Despite his training under Tiffany & Co.’s acclaimed Design Director Edward C. Moore, hollowware designed by Louis Comfort Tiffany is exceedingly rare. Fewer than twenty known works in silver have been attributed to him. This scarcity of Tiffany's work in silver is underscored by the fact that the liquidation sale of Tiffany Studio's stock in 1936 contained not a single piece of solid silver. The auction of 1,726 lots contained bronze, Favrile glass, stained glass, silver-plated wares, and oriental carpets (see catalogue, Products of Louis Comfort Tiffany Studios on the Premises, 46 West 23rd Street, New York, Joseph and Jacobson Auctioneers, May 18-23, 1936).
Only one other silver tea service is known to have been designed by Louis Comfort Tiffany, and that service was for his own personal use at Laurelton Hall, the highly publicized mansion of his own design in Oyster Bay, New York, completed in 1905. Made between 1902 and 1904, the four-piece tea service was the only silver in the 1946 auction of the contents of Laurelton Hall (see catalogue, Favrile Glass...Objects of Art, Paintings, Antiques, Decorations, Belonging to the Louis Comfort Tiffany Foundation, Removed from Laurelton Hall, Parke-Bernet Galleries, September 24-28, 1946, p. 199). Three pieces of Laurelton Hall service are now in the collection of the Los Angeles County Museum of Art, illustrated in Leslie Greene Bowman, Virtue in Design, L.A.C.M.A., 1990, p. 124. The tea service, which originally also included a kettle on lampstand, was displayed in the dining room at Laurelton Hall, and was possibly used with a copper tray as illustrated in Robert Koch, Louis C. Tiffany, Rebel in Glass, 1964, and in Charles H. Carpenter, Jr., "The Silver of Louis Comfort Tiffany," op.cit., fig. 1, p. 392.
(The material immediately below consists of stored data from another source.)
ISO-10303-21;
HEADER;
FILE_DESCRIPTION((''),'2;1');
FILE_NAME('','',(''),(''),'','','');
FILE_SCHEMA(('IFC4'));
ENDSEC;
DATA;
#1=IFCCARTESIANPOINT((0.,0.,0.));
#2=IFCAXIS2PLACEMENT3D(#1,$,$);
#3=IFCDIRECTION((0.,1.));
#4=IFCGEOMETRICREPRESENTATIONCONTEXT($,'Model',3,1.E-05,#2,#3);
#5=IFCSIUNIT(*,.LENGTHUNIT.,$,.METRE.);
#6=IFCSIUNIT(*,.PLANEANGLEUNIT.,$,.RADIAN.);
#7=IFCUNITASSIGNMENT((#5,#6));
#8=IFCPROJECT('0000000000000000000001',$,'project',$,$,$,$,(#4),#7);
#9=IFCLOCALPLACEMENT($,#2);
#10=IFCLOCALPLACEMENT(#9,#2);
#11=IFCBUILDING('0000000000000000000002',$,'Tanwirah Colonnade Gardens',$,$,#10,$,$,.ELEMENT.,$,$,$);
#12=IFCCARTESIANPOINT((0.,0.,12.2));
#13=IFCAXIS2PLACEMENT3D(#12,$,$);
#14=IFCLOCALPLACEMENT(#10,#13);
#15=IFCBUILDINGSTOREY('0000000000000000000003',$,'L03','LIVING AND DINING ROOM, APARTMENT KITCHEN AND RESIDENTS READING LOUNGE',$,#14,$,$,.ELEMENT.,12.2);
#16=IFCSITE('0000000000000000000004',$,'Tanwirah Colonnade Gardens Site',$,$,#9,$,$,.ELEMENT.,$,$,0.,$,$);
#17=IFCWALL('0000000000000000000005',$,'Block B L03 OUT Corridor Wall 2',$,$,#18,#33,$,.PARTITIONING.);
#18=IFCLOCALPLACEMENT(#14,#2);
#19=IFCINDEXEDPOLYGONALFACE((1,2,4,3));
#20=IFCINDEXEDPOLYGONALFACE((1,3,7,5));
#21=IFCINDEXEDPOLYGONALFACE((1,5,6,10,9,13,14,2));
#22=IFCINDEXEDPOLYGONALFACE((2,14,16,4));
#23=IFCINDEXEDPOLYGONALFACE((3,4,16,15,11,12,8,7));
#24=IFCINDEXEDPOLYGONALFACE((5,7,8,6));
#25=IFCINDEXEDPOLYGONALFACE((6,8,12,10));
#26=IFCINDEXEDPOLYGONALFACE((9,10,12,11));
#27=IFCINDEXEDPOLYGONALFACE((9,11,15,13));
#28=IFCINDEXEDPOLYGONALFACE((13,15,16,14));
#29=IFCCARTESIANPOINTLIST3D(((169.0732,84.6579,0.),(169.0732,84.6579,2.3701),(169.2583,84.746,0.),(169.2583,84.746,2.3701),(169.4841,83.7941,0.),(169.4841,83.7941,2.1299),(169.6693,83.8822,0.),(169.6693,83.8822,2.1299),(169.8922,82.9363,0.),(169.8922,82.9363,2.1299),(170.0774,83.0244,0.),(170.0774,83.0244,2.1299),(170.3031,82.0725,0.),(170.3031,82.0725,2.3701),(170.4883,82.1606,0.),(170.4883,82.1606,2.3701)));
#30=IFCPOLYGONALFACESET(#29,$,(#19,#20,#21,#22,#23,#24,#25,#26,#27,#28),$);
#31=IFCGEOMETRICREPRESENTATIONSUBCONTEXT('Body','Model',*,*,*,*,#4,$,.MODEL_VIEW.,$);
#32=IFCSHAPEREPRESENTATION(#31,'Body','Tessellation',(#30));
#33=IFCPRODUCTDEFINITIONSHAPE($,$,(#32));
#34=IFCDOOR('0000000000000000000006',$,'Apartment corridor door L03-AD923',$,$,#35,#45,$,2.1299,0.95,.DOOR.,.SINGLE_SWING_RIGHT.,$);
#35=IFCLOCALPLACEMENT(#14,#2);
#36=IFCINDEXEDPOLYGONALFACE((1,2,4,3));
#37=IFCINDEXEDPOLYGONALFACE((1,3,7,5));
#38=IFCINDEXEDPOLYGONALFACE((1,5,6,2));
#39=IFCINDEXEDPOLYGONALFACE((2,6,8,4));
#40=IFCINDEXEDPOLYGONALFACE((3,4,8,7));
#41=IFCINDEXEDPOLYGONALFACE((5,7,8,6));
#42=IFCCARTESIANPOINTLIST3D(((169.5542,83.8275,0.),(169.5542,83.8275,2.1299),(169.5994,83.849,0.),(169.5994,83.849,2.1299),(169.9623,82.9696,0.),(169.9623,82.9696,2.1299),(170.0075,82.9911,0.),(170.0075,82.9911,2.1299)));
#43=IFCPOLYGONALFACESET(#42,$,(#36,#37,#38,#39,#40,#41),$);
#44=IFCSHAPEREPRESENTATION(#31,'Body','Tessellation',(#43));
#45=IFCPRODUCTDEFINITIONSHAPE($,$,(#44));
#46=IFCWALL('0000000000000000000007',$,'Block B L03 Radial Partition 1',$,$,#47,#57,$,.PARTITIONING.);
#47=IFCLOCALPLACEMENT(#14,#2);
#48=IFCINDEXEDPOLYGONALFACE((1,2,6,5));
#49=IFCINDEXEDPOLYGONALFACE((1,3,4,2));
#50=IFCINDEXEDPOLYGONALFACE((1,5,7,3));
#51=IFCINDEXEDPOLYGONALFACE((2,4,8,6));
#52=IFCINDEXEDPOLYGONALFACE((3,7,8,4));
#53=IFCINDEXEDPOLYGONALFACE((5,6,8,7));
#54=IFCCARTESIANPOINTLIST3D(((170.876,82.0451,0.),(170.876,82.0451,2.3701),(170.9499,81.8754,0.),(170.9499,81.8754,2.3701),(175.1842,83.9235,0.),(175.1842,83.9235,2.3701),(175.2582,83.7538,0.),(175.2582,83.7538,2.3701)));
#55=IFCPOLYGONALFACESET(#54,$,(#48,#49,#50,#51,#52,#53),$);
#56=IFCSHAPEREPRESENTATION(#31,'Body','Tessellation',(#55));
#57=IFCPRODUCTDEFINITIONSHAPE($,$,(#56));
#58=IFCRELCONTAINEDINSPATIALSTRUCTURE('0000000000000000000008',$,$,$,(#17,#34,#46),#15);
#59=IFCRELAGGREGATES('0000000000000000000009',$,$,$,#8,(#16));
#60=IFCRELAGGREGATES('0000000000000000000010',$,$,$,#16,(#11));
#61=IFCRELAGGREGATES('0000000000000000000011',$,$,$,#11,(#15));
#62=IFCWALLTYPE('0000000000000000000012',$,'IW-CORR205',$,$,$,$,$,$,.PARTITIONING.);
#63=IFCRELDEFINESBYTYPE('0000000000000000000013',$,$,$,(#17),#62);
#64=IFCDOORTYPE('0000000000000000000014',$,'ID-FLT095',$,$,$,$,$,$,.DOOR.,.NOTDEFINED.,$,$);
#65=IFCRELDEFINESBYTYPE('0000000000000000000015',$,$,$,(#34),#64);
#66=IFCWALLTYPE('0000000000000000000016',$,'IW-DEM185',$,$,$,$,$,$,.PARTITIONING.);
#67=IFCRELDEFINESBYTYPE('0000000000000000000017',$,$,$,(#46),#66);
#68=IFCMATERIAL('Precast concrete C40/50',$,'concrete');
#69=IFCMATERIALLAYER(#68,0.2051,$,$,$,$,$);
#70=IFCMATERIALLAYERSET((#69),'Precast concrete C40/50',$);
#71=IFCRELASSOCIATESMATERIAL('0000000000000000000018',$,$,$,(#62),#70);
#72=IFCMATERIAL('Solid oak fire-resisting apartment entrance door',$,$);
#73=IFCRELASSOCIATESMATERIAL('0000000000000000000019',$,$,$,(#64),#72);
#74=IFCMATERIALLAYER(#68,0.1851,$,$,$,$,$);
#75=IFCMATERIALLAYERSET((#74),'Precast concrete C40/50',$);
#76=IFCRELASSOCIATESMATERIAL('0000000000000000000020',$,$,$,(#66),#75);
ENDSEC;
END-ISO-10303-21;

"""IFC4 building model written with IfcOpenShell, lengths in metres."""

from ifc_helpers import new_model, si_unit, direction, frame, frame_2d, origin, place, context, subcontext, project, spatial, rectangle, extrude, material, layer, layer_set, type_object, element, fill, save


model = new_model("IFC4")

# Units and contexts
model_context = context("Model", 3, precision=1e-05, world=origin(), true_north=direction((0.0, 1.0)))
body_context = subcontext(model_context, "Body", "Model", "MODEL_VIEW")
ifc_project = project(units=[si_unit("LENGTHUNIT", "METRE"), si_unit("PLANEANGLEUNIT", "RADIAN")], contexts=[model_context])

# Site, building, storey
site_placement = place(None, origin())
site = spatial("IfcSite", under=ifc_project, at=site_placement, Name="Tanwirah Colonnade Gardens Site", CompositionType="ELEMENT", RefElevation=0.0)
building_placement = place(site_placement, origin())
building = spatial("IfcBuilding", under=site, at=building_placement, Name="Tanwirah Colonnade Gardens", CompositionType="ELEMENT")
storey_placement = place(building_placement, frame((0.0, 0.0, 12.2)))
storey = spatial("IfcBuildingStorey", under=building, at=storey_placement, Name="L03", Description="LIVING AND DINING ROOM, APARTMENT KITCHEN AND RESIDENTS READING LOUNGE", CompositionType="ELEMENT", Elevation=12.2)

# Shared definitions
ifc_material_1 = material(Name="Precast concrete C40/50", Category="concrete")

# Wall, opening, door
ifc_layer_1 = layer(ifc_material_1, 0.2051)
ifc_layer_set_1 = layer_set([ifc_layer_1], Name="Precast concrete C40/50")
wall_type_1 = type_object("IfcWallType", Name="IW-CORR205", PredefinedType="PARTITIONING", material=ifc_layer_set_1)
wall_1_placement = place(storey_placement, frame((170.3958, 82.1165, 0.0), z_axis=(0.0, 0.0, 1.0), x_axis=(-0.429596, 0.903021, 0.0)))
wall_1 = element("IfcWall", 1, at=wall_1_placement, inside=storey, type_object=wall_type_1, Name="Block B L03 OUT Corridor Wall 2", PredefinedType="PARTITIONING", context=body_context, shape_type="SweptSolid", body=[
    extrude(rectangle(XDim=2.863, YDim=0.2051, at=frame_2d((1.4316, 0.0))), origin(), (0.0, 0.0, 1.0), 2.3701),
])
opening_1_placement = place(wall_1_placement, frame((0.9565, 0.0, 0.0)))
opening_1 = element("IfcOpeningElement", 2, at=opening_1_placement, cuts=wall_1, PredefinedType="OPENING", context=body_context, shape_type="SweptSolid", body=[
    extrude(rectangle(XDim=0.95, YDim=2.1299, at=frame_2d((0.4751, 1.0649))), frame((0.0, 0.1125, 0.0), z_axis=(0.0, -1.0, 0.0), x_axis=(1.0, 0.0, 0.0)), (0.0, 0.0, 1.0), 0.2251),
])
ifc_material_2 = material(Name="Solid oak fire-resisting apartment entrance door")
door_type_1 = type_object("IfcDoorType", Name="ID-FLT095", OperationType="NOTDEFINED", PredefinedType="DOOR", material=ifc_material_2)
door_1_placement = place(opening_1_placement, origin())
door_1 = element("IfcDoor", 3, at=door_1_placement, inside=storey, type_object=door_type_1, Name="Apartment corridor door L03-AD923", OperationType="SINGLE_SWING_RIGHT", OverallHeight=2.1299, OverallWidth=0.95, PredefinedType="DOOR", context=body_context, shape_type="SweptSolid", body=[
    extrude(rectangle(XDim=0.95, YDim=2.1299, at=frame_2d((0.4751, 1.0649))), frame((0.0, 0.0249, 0.0), z_axis=(0.0, -1.0, 0.0), x_axis=(1.0, 0.0, 0.0)), (0.0, 0.0, 1.0), 0.05),
])
fill(opening_1, door_1)

# Wall
ifc_layer_2 = layer(ifc_material_1, 0.1851)
ifc_layer_set_2 = layer_set([ifc_layer_2], Name="Precast concrete C40/50")
wall_type_2 = type_object("IfcWallType", Name="IW-DEM185", PredefinedType="PARTITIONING", material=ifc_layer_set_2)
wall_2_placement = place(storey_placement, frame((170.9128, 81.9602, 0.0), z_axis=(0.0, 0.0, 1.0), x_axis=(0.916663, 0.39966, 0.0)))
element("IfcWall", 4, at=wall_2_placement, inside=storey, type_object=wall_type_2, Name="Block B L03 Radial Partition 1", PredefinedType="PARTITIONING", context=body_context, shape_type="SweptSolid", body=[
    extrude(rectangle(XDim=4.7, YDim=0.1851, at=frame_2d((2.3501, 0.0))), origin(), (0.0, 0.0, 1.0), 2.3701),
])

save(model, "model.ifc")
Both the Laurelton Hall service and the present example were likely made by Julia Munson, talented metalworker and supervisor at Tiffany Studios. The visible hammer marks and high quality chasing on both services indicate her hand. At the time the Whitney tea service was made, Louis Comfort Tiffany was vice-president and artistic director of Tiffany & Co., which likely accounts for the inclusion of Tiffany & Co. tray and salver with this service.
A silver, gold and enamel vase designed By Louis Comfort Tiffany for the 1915 Panama-Pacific International Exposition was sold in these rooms on 24 January 2020, lot 380.